Predicting information gain from ERPs

The EPS was found to be parsimonious and the effect was present across ERP components. In order to study whether the EPS could be used as a neural marker for information gain, we built a predictive model to reveal the effectiveness of the EPS in estimating information gain in a single-trial classification setting. Per-subject linear classifiers which predicted the information gain class (low/high) of ERPs were trained. A single-trial prediction setting was used in which ERPs used for validating the classifier were not used in training the classifier (The specific evaluation setting is given in materials and methods under prediction subsection). The average classifier AUC score over all participants was 0.641. The classifiers of all subjects performed significantly better than random-permutation classifiers (AUC = 0.5, p < 0.01). The AUC scores of the classifiers can be seen in Fig. 3.

Figure 3
figure 3

The classifiers’ AUC scores for each subject and reading task. The dashed line marks the performance of a random-permutation classifier.

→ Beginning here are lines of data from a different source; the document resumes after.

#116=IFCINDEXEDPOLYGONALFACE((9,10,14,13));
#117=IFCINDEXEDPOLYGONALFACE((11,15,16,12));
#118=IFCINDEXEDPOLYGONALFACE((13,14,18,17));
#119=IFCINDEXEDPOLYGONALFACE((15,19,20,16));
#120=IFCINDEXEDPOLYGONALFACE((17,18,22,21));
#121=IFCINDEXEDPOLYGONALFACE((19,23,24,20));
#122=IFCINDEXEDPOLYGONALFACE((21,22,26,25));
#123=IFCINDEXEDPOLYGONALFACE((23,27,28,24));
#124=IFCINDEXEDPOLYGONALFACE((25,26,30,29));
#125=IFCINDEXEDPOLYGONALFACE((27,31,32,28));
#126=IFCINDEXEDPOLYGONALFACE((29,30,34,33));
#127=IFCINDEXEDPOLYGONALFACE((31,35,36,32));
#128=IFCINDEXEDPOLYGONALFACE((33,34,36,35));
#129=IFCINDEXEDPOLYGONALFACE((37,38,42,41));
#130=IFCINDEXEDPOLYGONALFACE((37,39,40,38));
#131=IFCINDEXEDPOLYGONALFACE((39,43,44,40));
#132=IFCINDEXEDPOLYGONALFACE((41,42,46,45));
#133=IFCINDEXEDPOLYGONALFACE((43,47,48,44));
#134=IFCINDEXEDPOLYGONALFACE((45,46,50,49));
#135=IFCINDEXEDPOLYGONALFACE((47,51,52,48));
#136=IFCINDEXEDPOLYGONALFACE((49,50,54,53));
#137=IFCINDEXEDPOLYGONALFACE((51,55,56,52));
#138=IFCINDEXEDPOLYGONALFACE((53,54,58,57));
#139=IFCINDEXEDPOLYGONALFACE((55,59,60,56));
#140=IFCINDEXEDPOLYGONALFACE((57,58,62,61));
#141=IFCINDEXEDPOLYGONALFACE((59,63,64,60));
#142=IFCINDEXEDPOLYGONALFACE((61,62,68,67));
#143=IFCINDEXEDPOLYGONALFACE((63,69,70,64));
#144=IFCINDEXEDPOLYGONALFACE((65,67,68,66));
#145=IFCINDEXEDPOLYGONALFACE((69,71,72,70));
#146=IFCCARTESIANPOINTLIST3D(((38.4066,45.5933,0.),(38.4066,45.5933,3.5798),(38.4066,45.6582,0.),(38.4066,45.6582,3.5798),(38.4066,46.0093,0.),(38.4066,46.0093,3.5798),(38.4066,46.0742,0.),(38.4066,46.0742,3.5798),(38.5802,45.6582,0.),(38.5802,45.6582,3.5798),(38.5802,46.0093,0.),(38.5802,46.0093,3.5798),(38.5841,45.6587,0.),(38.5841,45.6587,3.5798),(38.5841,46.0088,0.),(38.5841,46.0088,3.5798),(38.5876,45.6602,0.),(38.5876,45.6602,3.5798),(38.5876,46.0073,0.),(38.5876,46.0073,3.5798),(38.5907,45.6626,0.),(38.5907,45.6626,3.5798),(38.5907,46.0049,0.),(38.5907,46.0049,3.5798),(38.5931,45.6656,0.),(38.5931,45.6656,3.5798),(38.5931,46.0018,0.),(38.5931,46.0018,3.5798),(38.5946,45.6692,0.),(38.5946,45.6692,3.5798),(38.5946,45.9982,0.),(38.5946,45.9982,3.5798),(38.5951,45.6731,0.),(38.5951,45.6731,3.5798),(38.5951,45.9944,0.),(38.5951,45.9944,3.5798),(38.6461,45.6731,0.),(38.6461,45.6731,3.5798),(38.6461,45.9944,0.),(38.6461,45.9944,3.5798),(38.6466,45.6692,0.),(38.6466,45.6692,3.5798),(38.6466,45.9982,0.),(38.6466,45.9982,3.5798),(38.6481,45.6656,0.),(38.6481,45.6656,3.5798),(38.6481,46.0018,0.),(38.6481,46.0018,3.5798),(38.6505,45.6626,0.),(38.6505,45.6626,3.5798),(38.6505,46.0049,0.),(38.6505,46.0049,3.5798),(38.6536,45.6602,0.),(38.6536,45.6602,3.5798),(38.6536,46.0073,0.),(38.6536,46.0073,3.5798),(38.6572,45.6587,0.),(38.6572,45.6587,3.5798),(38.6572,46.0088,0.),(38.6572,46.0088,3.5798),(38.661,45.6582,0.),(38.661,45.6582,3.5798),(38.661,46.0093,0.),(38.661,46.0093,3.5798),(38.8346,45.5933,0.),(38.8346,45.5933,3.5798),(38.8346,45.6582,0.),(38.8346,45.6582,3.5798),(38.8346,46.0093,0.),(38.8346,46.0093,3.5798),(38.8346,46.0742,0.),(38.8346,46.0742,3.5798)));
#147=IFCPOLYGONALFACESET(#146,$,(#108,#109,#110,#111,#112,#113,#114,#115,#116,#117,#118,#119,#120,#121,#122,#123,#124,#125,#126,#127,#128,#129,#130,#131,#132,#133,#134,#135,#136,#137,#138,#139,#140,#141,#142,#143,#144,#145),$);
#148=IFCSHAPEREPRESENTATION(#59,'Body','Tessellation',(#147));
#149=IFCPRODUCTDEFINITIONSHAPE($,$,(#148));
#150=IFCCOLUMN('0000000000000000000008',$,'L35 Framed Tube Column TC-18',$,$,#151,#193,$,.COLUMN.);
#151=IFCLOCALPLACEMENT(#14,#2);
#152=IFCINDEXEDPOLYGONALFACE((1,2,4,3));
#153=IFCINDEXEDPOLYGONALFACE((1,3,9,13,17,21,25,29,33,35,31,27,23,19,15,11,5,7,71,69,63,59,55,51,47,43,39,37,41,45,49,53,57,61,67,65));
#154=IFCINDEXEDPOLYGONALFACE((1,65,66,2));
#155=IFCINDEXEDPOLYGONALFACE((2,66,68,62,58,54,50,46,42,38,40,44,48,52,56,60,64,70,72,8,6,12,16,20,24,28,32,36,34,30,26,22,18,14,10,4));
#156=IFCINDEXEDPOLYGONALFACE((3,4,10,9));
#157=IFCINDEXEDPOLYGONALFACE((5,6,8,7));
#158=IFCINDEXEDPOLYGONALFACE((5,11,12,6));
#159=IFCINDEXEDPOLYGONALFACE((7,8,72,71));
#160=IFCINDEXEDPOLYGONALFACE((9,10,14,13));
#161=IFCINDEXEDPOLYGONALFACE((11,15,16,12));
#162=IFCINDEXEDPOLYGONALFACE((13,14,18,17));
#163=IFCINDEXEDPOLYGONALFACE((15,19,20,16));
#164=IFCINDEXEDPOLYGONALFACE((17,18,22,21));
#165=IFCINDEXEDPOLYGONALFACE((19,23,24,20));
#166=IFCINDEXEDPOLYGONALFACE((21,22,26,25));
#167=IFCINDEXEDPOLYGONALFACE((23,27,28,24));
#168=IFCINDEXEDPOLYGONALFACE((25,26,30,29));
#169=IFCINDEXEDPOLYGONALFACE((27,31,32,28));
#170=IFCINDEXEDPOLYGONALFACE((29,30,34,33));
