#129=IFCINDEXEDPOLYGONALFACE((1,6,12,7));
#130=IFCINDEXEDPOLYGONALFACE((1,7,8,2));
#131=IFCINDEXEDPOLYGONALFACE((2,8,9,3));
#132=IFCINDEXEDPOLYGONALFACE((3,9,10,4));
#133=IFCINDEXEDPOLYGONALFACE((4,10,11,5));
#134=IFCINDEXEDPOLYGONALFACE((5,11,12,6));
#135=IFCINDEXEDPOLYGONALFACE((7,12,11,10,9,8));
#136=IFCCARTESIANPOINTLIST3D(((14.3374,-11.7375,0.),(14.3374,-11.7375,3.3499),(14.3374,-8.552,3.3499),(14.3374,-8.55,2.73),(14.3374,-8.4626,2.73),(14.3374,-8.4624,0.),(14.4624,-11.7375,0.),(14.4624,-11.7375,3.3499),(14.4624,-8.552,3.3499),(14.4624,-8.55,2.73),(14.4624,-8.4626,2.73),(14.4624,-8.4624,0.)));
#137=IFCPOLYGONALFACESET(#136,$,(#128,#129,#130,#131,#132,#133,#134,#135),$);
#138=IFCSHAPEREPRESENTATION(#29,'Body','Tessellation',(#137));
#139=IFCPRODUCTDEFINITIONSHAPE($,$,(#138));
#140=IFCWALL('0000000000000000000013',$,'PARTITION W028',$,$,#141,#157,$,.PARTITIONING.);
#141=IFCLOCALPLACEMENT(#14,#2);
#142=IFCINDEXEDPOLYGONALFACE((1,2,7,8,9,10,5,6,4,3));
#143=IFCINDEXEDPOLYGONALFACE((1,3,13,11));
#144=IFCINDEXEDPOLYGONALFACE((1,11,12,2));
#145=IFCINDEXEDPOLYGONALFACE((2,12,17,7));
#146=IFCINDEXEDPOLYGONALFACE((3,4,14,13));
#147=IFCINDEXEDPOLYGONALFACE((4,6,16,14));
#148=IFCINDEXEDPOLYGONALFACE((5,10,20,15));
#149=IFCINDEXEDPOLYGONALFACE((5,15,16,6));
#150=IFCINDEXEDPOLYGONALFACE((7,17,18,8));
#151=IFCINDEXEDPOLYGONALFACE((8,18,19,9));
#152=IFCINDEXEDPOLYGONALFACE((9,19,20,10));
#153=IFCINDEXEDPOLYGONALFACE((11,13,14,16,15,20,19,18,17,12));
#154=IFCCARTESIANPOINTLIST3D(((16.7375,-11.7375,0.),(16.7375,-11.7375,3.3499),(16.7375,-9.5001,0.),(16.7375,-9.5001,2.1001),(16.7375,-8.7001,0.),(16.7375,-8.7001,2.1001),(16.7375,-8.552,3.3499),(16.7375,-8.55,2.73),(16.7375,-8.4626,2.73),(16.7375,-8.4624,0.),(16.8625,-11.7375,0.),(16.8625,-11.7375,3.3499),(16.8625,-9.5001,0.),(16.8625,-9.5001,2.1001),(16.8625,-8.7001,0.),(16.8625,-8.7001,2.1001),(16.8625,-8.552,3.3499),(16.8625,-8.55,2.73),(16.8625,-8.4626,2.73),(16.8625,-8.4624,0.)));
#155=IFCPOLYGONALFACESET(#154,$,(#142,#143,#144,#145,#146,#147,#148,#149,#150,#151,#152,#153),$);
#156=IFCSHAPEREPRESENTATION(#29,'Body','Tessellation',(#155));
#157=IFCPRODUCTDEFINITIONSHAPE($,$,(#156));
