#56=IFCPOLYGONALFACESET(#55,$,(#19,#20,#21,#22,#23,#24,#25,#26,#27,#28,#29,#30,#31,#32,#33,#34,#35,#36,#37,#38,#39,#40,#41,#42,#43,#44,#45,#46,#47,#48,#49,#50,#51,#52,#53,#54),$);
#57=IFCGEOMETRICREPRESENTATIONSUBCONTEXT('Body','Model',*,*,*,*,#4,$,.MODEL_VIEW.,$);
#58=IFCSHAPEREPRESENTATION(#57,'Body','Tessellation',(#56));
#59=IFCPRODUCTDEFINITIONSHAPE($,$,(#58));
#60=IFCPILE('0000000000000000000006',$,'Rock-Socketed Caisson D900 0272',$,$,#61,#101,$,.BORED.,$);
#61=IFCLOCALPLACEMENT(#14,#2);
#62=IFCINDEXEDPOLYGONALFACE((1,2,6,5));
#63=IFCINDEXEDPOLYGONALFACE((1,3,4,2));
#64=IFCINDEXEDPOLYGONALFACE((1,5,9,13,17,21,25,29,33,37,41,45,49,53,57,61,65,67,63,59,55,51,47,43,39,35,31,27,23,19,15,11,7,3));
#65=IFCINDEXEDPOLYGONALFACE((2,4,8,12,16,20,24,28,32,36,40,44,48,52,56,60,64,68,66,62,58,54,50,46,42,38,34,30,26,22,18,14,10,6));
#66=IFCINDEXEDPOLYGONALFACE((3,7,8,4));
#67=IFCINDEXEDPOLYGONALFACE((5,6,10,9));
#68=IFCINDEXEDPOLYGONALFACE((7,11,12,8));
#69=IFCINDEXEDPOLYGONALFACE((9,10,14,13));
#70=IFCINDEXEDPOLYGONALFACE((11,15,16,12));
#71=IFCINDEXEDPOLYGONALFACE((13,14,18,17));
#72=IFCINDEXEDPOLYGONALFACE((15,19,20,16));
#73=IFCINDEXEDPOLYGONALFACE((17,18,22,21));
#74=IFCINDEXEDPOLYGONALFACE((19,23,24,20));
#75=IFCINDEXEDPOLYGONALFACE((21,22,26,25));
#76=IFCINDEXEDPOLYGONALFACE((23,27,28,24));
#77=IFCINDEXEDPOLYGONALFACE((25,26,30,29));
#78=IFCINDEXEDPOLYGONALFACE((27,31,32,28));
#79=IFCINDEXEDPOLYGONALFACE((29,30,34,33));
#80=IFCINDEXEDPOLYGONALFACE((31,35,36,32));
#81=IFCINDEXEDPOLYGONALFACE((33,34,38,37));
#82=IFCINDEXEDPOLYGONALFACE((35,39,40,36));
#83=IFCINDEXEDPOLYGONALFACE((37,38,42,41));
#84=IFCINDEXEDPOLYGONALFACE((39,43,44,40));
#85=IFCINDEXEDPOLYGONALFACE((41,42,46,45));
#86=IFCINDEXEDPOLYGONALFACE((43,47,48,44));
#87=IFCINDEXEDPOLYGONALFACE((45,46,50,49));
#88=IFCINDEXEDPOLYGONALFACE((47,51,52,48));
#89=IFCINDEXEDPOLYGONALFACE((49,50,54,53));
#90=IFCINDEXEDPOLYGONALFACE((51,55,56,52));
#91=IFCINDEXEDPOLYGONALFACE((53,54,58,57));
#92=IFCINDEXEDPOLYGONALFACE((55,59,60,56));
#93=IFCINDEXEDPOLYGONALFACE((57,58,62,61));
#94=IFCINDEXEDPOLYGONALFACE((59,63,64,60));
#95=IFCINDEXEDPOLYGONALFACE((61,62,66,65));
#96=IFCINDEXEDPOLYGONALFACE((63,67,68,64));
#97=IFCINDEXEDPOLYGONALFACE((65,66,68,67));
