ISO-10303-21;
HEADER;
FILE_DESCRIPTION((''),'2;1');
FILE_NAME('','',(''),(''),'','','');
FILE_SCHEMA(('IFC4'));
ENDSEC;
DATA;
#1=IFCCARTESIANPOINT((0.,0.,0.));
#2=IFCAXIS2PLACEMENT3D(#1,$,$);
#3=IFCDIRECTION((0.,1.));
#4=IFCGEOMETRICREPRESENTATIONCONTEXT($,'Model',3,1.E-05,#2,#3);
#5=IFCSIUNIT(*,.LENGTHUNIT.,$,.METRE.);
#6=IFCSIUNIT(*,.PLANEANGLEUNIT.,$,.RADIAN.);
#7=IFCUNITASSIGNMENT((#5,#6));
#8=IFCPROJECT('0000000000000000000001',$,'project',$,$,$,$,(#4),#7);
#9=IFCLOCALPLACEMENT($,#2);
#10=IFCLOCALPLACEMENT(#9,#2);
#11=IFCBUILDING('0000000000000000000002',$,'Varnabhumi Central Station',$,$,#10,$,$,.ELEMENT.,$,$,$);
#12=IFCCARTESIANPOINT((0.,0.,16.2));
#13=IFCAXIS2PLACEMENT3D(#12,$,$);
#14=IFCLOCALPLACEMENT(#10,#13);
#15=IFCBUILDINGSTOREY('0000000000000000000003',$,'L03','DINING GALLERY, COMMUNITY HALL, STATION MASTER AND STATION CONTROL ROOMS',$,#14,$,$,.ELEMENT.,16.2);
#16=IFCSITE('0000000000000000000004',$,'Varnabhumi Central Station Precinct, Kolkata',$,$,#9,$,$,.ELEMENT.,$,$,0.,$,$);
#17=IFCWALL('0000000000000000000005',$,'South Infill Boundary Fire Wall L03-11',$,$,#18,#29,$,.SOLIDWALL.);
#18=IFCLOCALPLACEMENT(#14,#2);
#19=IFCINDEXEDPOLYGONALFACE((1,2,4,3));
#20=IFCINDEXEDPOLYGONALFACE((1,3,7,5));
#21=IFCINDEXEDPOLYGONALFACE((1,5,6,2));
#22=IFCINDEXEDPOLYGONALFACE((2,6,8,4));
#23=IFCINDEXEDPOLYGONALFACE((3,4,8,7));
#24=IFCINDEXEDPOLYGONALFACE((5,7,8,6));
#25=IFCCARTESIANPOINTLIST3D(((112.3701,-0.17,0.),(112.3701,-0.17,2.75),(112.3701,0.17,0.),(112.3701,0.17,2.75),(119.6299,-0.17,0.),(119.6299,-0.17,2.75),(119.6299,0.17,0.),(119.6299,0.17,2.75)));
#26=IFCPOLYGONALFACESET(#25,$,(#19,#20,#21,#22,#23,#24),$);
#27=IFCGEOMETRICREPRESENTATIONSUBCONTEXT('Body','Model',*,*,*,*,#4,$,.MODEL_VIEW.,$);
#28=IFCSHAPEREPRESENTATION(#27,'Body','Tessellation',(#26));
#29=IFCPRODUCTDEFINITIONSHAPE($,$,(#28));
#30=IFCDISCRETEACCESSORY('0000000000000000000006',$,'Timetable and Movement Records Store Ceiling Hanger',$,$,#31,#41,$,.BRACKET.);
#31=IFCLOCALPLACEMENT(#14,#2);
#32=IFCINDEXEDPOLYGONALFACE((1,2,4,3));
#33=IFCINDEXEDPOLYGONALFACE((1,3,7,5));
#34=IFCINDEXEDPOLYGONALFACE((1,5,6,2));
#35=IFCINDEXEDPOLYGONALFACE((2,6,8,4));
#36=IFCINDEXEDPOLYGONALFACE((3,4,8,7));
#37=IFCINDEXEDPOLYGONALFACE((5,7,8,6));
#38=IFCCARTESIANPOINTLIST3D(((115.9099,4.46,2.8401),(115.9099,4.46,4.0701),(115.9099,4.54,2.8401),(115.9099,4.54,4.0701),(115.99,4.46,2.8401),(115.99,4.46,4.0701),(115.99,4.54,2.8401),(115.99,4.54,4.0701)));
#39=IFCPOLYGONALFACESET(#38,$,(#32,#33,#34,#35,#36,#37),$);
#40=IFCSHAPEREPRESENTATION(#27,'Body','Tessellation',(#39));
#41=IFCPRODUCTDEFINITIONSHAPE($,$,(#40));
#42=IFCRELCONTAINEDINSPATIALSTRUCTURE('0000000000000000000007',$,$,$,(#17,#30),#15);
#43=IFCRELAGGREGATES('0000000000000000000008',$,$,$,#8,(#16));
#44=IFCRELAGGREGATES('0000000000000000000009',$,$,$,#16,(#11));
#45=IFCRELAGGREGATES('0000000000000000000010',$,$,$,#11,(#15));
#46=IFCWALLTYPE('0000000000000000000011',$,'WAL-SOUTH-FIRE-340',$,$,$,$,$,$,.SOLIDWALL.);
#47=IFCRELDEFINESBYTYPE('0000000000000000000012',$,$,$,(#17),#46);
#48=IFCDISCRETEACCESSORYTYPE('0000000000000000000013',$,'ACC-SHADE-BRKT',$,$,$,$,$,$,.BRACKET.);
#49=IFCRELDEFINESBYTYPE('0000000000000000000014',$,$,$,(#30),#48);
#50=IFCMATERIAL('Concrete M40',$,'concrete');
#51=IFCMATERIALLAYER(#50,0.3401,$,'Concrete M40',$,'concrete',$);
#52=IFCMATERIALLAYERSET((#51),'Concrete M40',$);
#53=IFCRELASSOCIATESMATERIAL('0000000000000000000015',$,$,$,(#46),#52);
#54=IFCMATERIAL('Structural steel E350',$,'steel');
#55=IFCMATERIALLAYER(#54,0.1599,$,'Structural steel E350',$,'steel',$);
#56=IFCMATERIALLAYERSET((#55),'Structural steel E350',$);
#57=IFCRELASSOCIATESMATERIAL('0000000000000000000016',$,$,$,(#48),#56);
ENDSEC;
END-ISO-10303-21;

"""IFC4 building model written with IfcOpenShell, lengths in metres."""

from ifc_helpers import new_model, si_unit, direction, frame, frame_2d, origin, origin_2d, place, context, subcontext, project, spatial, rectangle, extrude, material, layer, layer_set, type_object, element, save


model = new_model("IFC4")

# Units and contexts
model_context = context("Model", 3, precision=1e-05, world=origin(), true_north=direction((0.0, 1.0)))
body_context = subcontext(model_context, "Body", "Model", "MODEL_VIEW")
ifc_project = project(units=[si_unit("LENGTHUNIT", "METRE"), si_unit("PLANEANGLEUNIT", "RADIAN")], contexts=[model_context])

# Site, building, storey
site_placement = place(None, origin())
site = spatial("IfcSite", under=ifc_project, at=site_placement, Name="Varnabhumi Central Station Precinct, Kolkata", CompositionType="ELEMENT", RefElevation=0.0)
building_placement = place(site_placement, origin())
building = spatial("IfcBuilding", under=site, at=building_placement, Name="Varnabhumi Central Station", CompositionType="ELEMENT")
storey_placement = place(building_placement, frame((0.0, 0.0, 16.2)))
storey = spatial("IfcBuildingStorey", under=building, at=storey_placement, Name="L03", Description="DINING GALLERY, COMMUNITY HALL, STATION MASTER AND STATION CONTROL ROOMS", CompositionType="ELEMENT", Elevation=16.2)

# Shared definitions
ifc_material_1 = material(Name="Concrete M40", Category="concrete")

# Shared definitions
ifc_material_2 = material(Name="Structural steel E350", Category="steel")

# Wall
ifc_layer_1 = layer(ifc_material_1, 0.3401, Name="Concrete M40", Category="concrete")
ifc_layer_set_1 = layer_set([ifc_layer_1], Name="Concrete M40")
wall_type_1 = type_object("IfcWallType", Name="WAL-SOUTH-FIRE-340", PredefinedType="SOLIDWALL", material=ifc_layer_set_1)
wall_1_placement = place(storey_placement, frame((112.3701, 0.0, 0.0), z_axis=(0.0, 0.0, 1.0), x_axis=(1.0, 0.0, 0.0)))
element("IfcWall", 1, at=wall_1_placement, inside=storey, type_object=wall_type_1, Name="South Infill Boundary Fire Wall L03-11", PredefinedType="SOLIDWALL", context=body_context, shape_type="SweptSolid", body=[
    extrude(rectangle(XDim=7.2598, YDim=0.3401, at=frame_2d((3.6299, 0.0))), origin(), (0.0, 0.0, 1.0), 2.75),
])

# Discrete accessory
ifc_layer_2 = layer(ifc_material_2, 0.1599, Name="Structural steel E350", Category="steel")
ifc_layer_set_2 = layer_set([ifc_layer_2], Name="Structural steel E350")
discrete_accessory_type = type_object("IfcDiscreteAccessoryType", Name="ACC-SHADE-BRKT", PredefinedType="BRACKET", material=ifc_layer_set_2)
discrete_accessory_placement = place(storey_placement, frame((115.95, 4.5, 2.8401), z_axis=(0.0, 0.0, 1.0), x_axis=(1.0, 0.0, 0.0)))
element("IfcDiscreteAccessory", 2, at=discrete_accessory_placement, inside=storey, type_object=discrete_accessory_type, Name="Timetable and Movement Records Store Ceiling Hanger", PredefinedType="BRACKET", context=body_context, shape_type="SweptSolid", body=[
    extrude(rectangle(XDim=0.0801, YDim=0.0801, at=origin_2d()), origin(), (0.0, 0.0, 1.0), 1.23),
])

save(model, "model.ifc")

Illustrating classification results, Table 4 shows examples of words from three randomly selected documents, with the words grouped by their predicted information gain. The prediction confidence for words to belong to the low information gain class was computed over all participants and reading tasks. The first two columns show the five words which had the highest classifier confidence for belonging to the low information gain class and the five words with the lowest actual information gain (ground truth) in the selected documents. The remaining two columns show the five words which had the highest classifier confidence for belonging to the high information gain class and highest actual information gain. For example, the word ’housecat’ had the second highest classifier confidence for belonging to the low information gain class of all the words in the document about cats, and the same word had the lowest information gain of the words in the document.

Table 4 Top/bottom 5 words per topic sorted by classifier confidence (predicted) for class membership (low information gain/high information gain) and by actual information gain i.e. ground truth (true).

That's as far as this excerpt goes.